PCR and Rapid Diagnostic Test on Saliva and Nasopharyngeal Swabs for the Detection of SARS-CoV-2 (COVID-19)

Background:

Recent literature shows that the sensitivity of the PCR tests for the detection of SARS-CoV-2
using saliva samples is close to that using nasopharyngeal swabs. This type of sampling
represents a practical advantage since it can be performed by the patient herself/himself and
would thus allow to speed up the collection process. It is also less painful and could
prevent the rare lesions to the nasal mucosa that can occur when using nasopharyngeal swabs.

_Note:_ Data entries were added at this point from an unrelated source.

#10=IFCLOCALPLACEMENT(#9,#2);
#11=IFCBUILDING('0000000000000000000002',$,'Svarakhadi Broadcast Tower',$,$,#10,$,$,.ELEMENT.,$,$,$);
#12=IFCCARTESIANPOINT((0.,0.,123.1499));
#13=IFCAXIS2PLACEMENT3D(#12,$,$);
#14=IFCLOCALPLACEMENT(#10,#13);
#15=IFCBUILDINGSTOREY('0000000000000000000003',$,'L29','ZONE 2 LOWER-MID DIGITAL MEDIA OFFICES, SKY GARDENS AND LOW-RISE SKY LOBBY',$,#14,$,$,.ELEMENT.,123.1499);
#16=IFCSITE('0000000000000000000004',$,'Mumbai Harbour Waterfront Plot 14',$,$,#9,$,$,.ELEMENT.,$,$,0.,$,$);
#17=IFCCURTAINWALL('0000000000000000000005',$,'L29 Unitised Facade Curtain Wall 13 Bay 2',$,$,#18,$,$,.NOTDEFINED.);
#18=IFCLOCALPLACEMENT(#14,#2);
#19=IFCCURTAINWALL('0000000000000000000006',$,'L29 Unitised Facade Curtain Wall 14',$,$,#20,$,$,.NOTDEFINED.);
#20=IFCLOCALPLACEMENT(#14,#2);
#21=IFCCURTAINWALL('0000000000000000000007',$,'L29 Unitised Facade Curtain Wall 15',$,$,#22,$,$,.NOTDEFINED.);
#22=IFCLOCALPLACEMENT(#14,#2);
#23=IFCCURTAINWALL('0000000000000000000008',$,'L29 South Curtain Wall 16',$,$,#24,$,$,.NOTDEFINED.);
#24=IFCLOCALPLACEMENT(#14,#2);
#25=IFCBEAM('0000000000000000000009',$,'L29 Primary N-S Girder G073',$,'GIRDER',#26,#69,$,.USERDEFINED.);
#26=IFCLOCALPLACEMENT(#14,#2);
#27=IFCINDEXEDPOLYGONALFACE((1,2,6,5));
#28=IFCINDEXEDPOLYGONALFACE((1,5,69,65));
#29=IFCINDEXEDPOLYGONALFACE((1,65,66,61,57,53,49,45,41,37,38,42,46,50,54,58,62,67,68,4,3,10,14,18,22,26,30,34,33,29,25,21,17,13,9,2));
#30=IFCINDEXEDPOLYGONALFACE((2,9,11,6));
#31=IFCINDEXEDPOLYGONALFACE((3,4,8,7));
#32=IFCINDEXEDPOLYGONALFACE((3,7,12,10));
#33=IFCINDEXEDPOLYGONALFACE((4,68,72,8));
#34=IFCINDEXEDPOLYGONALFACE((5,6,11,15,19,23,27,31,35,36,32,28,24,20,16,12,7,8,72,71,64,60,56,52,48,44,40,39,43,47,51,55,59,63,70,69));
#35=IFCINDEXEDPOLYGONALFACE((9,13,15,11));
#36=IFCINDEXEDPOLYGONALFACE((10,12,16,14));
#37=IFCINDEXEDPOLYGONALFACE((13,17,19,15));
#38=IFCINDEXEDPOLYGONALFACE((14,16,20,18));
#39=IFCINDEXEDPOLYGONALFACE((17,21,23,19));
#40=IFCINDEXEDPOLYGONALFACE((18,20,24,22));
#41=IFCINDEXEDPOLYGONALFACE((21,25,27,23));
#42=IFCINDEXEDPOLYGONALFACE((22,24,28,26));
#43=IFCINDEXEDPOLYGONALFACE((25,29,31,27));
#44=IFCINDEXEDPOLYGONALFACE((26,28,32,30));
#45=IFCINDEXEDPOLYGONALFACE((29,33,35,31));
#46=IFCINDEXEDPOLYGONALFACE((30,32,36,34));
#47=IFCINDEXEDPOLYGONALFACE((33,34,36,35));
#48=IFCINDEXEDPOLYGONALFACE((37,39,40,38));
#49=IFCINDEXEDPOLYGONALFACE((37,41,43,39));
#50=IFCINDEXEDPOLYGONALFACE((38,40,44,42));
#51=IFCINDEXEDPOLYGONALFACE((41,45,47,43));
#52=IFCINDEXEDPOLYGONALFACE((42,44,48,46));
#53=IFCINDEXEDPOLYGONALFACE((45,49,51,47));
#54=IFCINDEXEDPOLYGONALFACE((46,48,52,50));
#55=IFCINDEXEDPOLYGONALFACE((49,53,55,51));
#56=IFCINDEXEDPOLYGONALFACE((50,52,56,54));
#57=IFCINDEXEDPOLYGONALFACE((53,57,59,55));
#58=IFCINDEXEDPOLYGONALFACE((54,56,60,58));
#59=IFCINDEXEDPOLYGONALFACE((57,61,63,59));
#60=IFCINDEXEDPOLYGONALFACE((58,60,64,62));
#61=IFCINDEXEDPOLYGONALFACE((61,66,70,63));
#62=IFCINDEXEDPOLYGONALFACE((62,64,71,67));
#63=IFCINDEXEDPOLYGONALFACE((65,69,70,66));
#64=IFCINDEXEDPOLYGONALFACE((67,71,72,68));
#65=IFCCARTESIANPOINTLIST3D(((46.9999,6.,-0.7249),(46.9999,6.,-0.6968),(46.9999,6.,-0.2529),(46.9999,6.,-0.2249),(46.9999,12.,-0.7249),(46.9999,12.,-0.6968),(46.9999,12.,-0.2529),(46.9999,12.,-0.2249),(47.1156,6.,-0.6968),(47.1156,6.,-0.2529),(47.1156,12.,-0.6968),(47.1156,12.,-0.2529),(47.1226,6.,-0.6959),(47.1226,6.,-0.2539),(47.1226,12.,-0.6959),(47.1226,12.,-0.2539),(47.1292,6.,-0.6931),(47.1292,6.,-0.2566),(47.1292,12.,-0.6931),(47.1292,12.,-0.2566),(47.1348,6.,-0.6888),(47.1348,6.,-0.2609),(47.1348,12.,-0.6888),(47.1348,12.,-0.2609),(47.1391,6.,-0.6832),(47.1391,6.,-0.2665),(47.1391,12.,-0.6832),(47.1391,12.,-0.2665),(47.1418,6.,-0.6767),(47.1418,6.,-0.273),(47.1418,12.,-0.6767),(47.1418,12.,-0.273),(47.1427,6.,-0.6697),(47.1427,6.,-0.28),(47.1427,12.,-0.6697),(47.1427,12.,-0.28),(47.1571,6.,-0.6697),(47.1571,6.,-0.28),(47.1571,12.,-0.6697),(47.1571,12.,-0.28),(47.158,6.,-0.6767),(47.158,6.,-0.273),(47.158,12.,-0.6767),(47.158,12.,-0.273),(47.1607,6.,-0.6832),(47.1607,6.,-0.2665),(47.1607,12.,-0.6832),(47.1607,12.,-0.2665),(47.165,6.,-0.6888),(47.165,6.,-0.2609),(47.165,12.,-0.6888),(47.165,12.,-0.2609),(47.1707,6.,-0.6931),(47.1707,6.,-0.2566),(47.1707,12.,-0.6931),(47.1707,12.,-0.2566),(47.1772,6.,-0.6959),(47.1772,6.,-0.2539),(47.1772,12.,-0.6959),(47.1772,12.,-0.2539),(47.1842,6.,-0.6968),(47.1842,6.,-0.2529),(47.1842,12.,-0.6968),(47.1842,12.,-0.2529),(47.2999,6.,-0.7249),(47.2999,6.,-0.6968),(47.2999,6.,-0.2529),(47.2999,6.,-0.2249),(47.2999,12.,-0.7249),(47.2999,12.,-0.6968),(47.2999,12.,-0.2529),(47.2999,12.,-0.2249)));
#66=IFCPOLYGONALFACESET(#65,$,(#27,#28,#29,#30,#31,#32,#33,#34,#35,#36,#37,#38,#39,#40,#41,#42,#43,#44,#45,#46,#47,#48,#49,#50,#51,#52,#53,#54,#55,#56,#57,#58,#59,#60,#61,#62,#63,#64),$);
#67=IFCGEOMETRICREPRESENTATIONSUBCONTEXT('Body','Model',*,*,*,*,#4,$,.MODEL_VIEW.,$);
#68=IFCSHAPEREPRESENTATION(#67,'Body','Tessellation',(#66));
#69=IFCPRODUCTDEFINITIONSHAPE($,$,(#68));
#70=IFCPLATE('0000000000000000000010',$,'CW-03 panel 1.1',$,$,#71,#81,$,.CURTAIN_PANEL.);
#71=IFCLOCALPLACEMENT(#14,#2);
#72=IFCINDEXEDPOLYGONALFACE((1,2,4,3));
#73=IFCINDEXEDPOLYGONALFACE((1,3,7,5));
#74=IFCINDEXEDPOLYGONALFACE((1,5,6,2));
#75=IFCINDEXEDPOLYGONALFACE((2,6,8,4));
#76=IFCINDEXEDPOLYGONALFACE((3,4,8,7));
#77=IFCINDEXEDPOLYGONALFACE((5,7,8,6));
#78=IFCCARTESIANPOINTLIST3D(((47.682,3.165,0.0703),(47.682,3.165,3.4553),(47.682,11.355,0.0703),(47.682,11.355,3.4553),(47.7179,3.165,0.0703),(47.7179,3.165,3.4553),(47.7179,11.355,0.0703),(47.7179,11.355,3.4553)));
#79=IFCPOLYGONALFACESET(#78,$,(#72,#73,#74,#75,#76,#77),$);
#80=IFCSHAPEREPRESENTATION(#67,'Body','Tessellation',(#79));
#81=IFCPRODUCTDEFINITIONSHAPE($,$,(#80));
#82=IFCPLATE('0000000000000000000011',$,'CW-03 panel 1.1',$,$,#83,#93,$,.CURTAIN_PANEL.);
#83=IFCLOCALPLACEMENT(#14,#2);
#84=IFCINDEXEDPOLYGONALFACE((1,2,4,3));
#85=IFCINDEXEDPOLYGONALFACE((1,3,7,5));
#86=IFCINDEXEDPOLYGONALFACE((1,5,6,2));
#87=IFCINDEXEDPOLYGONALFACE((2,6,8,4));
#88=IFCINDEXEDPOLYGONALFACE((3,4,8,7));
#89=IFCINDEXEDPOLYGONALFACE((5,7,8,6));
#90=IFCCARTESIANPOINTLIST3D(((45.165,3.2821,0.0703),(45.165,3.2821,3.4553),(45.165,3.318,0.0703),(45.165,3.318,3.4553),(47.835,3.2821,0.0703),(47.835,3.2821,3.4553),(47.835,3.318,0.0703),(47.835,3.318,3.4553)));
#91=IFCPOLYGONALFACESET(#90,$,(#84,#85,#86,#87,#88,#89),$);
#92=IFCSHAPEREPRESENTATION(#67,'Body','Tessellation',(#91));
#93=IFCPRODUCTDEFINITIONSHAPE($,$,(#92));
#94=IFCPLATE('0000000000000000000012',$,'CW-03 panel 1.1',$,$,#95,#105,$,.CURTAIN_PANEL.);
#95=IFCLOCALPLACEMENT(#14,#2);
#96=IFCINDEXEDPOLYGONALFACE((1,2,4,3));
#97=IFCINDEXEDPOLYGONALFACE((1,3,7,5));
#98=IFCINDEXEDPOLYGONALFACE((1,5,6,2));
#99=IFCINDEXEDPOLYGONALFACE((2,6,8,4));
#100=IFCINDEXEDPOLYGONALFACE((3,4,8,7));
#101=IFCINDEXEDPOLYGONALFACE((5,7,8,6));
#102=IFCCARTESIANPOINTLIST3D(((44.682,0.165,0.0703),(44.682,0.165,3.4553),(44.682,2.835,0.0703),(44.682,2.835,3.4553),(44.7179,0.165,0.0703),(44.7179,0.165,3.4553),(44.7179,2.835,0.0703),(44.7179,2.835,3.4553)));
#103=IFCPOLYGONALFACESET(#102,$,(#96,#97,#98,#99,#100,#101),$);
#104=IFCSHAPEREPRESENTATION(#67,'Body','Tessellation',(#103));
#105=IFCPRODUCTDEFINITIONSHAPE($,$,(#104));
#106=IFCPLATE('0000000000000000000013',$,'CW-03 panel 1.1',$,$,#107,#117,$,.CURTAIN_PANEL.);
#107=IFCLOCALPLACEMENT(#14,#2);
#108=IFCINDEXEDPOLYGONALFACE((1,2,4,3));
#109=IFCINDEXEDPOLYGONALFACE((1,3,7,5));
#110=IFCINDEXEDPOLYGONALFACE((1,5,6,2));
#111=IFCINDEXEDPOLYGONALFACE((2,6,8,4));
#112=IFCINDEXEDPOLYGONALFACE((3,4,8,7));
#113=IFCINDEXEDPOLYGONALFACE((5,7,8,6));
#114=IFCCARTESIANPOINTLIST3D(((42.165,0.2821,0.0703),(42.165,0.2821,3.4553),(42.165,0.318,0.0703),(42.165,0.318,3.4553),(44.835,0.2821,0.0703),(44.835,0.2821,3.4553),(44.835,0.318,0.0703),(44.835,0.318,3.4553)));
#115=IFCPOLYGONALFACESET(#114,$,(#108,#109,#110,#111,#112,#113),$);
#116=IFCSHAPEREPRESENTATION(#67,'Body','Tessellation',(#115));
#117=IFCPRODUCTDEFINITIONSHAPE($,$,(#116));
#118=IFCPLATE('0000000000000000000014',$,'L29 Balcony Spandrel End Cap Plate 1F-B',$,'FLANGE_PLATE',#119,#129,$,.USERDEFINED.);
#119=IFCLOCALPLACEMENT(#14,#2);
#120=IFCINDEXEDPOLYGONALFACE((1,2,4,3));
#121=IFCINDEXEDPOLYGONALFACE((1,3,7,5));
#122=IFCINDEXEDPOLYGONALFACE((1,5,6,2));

Rapid Diagnostic Tests for the detection of SARS-CoV-2 antigens have been developed using
nasophayngeal swabs and have shown very high sensitivity against PCR, ranging from 93% to 98%
when based on laboratory validation, 80% when based on clinical validation.This method offers
the considerable advantage to inform the patient of the test result on site, and allow the
provision of appropriate recommendations on the spot of testing. The studies performed so far
have been conducted using nasopharyngeal samples only. There are no data with saliva yet. It
is expected that the RDT would also work on the saliva. Even if slightly less sensitive due
to the fact that it detects antigens and not multiplied RNA as PCR does, RDT on saliva could
better serve the public health goal to test widely and quickly and have ultimately more COVID
cases detected and isolated, and hence reduced transmission.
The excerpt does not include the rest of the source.